We share the driving - because both of us quite like to drive! When we do long distances we do 2-2.5 hrs on and then swap over. Shorter distances it will be more likely that we split it so one drives there and the other drives back. The only time there's any debate is when both of us would like a drink but even then one of us will usually volunteer!

kimchifox · 16/09/2022 11:54

I should add we both feel that we are the better driver 😂 biological sex doesn't come into it. If a man thought he was better because he was a man he'd be speaking to a divorce lawyer - that's just patriarchal BS.

iklboo · 16/09/2022 11:58

Because the DVLA would take a very dim view of me driving with my medical condition 😂

JudgeJ · 16/09/2022 13:13

RampantIvy · 16/09/2022 09:46

A cautionary tale.

Many years ago some friends of ours went on holiday to Dorset from West Yorkshire. While on holiday the husband was taken ill and hospitalised where he underwent some emergency surgery. It was touch and go for a while. After he recovered there was no way he was able to drive back home. His wife was only a "local driver" and had never driven anywhere she didn't know, let alone a motorway.

Fortunately he was highly regarded at work, and the CEO sent his chauffeur down on the train so that he could drive the couple back home.

I would never want to be in that vulnerable position.

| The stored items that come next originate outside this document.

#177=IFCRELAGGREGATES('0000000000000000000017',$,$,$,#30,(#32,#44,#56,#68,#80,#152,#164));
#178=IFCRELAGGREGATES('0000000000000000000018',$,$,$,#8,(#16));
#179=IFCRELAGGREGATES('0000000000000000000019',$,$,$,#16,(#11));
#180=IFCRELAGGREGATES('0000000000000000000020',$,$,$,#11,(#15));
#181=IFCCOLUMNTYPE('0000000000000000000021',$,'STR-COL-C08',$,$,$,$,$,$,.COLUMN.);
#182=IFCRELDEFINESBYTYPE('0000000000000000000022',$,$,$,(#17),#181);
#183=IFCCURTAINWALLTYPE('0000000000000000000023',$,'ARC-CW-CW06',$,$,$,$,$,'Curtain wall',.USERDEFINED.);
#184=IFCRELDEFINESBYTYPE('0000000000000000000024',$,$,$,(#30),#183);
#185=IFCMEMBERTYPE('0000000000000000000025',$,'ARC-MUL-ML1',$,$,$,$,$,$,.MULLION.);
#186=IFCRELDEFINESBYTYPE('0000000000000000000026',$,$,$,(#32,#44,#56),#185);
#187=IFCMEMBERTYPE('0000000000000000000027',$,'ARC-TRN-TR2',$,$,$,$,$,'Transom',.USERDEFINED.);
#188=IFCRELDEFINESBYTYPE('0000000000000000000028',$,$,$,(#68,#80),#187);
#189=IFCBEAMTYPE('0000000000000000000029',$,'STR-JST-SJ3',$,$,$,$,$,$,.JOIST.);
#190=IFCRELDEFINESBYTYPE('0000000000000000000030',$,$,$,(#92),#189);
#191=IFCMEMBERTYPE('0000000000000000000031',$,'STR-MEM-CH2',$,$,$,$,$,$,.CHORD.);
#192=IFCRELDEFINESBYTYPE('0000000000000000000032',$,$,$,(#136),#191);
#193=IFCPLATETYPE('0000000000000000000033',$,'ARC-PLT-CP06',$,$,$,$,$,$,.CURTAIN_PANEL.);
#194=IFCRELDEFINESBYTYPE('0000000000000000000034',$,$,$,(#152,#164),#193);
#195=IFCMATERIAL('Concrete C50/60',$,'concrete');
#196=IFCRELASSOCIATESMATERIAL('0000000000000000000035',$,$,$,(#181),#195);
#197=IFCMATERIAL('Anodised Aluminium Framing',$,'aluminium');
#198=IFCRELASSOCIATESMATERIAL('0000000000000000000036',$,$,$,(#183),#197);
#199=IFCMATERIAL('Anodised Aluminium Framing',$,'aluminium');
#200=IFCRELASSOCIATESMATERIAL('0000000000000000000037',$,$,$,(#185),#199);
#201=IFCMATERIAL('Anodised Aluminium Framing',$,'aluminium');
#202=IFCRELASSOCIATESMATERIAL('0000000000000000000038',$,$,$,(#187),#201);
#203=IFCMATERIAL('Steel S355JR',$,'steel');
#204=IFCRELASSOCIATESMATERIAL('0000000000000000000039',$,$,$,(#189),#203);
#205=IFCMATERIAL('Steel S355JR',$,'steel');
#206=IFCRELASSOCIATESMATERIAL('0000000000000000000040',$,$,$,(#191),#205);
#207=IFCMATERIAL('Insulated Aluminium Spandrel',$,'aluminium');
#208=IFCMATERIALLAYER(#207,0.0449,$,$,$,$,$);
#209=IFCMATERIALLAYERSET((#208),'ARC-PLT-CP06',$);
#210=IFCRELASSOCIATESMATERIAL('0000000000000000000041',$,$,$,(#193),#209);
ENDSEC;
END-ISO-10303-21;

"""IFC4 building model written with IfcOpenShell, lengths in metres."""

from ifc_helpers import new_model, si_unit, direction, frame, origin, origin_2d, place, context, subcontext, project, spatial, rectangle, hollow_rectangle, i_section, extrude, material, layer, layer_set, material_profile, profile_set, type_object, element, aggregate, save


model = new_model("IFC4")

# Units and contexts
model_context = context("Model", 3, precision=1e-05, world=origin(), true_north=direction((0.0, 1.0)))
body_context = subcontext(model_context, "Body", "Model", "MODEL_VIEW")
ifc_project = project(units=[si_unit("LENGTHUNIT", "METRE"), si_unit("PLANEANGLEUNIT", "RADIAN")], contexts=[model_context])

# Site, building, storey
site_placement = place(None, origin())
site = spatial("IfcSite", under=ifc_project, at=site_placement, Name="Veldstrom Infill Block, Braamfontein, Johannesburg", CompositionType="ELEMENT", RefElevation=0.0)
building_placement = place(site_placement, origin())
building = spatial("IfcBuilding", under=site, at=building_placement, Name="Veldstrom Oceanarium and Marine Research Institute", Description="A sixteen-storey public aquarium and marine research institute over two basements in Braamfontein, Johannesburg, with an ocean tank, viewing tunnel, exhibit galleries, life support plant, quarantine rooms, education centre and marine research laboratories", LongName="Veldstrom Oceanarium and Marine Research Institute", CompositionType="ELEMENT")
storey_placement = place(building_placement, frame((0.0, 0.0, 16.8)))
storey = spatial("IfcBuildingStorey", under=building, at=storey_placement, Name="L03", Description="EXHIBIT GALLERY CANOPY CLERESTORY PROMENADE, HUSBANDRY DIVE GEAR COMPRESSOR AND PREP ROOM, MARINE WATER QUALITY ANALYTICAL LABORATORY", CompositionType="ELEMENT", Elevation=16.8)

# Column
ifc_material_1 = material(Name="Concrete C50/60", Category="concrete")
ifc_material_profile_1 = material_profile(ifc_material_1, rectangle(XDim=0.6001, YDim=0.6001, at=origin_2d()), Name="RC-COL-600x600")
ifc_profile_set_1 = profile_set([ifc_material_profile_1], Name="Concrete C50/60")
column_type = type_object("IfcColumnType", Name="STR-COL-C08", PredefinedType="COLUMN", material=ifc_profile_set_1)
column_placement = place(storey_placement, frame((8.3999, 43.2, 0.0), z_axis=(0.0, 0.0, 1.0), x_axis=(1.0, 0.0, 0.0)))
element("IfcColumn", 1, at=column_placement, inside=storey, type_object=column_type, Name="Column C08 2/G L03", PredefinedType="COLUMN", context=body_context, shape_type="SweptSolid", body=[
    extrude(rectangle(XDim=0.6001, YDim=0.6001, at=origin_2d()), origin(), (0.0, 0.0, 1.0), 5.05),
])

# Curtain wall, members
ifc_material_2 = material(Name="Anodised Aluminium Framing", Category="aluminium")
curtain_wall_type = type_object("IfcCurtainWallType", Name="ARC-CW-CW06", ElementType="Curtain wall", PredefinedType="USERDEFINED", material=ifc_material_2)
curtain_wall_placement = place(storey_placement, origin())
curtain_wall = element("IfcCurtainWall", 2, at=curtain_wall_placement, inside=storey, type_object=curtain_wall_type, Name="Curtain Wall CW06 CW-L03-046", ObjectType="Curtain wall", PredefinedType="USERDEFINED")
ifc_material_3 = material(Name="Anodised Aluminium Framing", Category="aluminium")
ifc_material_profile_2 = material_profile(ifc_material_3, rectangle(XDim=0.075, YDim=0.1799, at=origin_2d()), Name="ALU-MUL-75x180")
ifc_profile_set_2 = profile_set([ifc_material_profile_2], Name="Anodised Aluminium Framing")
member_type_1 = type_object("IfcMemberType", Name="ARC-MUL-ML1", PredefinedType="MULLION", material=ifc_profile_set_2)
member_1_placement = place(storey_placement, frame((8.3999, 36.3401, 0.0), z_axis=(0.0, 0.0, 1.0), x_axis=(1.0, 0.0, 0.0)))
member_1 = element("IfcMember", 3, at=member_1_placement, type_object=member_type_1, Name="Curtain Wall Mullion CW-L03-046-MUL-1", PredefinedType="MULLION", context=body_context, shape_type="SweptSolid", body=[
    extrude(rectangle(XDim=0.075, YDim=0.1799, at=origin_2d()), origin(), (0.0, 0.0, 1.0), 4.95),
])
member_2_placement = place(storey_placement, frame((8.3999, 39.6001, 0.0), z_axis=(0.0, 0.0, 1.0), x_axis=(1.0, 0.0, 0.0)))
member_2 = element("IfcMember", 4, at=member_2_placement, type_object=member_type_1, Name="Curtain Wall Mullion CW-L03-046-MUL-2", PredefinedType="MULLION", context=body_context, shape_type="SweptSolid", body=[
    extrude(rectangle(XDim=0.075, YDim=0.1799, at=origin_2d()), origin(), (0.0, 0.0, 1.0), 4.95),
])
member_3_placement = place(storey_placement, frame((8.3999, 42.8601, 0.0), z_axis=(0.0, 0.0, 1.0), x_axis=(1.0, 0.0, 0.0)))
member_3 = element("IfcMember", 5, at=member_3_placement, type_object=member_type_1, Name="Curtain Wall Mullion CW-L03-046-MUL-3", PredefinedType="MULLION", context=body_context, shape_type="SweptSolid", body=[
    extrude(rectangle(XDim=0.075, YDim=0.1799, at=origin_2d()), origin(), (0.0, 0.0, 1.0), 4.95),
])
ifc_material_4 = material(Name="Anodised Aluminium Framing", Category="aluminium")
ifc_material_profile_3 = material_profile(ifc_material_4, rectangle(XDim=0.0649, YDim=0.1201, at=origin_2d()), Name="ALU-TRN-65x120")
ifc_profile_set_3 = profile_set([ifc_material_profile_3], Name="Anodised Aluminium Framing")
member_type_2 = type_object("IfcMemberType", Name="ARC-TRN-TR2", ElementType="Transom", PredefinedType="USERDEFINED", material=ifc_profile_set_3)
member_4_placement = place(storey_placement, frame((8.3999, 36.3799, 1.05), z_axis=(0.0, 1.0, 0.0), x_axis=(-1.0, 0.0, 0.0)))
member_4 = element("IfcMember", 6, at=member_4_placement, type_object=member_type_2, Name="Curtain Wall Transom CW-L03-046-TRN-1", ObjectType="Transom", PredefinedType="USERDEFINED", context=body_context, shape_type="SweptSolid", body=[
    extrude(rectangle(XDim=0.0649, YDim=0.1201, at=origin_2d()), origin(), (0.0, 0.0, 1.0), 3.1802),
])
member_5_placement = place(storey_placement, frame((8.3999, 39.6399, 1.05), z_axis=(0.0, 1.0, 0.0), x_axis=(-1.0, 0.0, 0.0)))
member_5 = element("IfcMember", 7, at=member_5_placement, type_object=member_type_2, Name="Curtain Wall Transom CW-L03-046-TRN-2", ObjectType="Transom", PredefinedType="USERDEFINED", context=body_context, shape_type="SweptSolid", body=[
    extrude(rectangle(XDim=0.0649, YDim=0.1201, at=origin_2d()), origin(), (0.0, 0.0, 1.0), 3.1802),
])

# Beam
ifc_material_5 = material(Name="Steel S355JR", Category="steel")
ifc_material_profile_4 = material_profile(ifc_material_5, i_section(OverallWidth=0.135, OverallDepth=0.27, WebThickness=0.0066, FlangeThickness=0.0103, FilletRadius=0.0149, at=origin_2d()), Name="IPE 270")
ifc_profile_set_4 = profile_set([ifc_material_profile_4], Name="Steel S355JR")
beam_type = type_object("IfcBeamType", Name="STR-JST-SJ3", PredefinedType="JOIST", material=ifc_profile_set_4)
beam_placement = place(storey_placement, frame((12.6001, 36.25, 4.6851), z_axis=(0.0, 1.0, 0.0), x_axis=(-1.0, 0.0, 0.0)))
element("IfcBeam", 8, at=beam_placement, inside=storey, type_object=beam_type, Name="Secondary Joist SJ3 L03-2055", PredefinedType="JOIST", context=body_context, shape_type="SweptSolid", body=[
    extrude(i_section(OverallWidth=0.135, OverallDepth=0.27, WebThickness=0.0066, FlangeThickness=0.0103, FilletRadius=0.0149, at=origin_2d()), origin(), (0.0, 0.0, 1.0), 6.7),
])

A friend had a similar experience after the husband's sudden death, she had had a licence for over 30 years but in her mid 50s she had never driven further than Tescos, never even on a dual carriageway, she had to take a programme of driving lessons to be able to adapt to her new circumstances.

EgonSpengler2020 · 16/09/2022 16:54

JudgeJ · 16/09/2022 13:13

A friend had a similar experience after the husband's sudden death, she had had a licence for over 30 years but in her mid 50s she had never driven further than Tescos, never even on a dual carriageway, she had to take a programme of driving lessons to be able to adapt to her new circumstances.

A frequent problem I encounter as a paramedic, when once I have assessed a patient and determined they need to attend A&E but not via ambulance and I can see a car (or several) on the driveway, only to be met with the spouse saying "I can't drive because I don't drive on the motorway" or "I can't drive because I don't drive at night" (obviously I understand some older people can't drive in the dark at all, but I suspect many will be merrily driving to and from the local shops late on xmas eve!) or "I can't drive because the weathers bad" even though they expect others to do just that. It ends up with them being a burden on the already stretched ambulance service.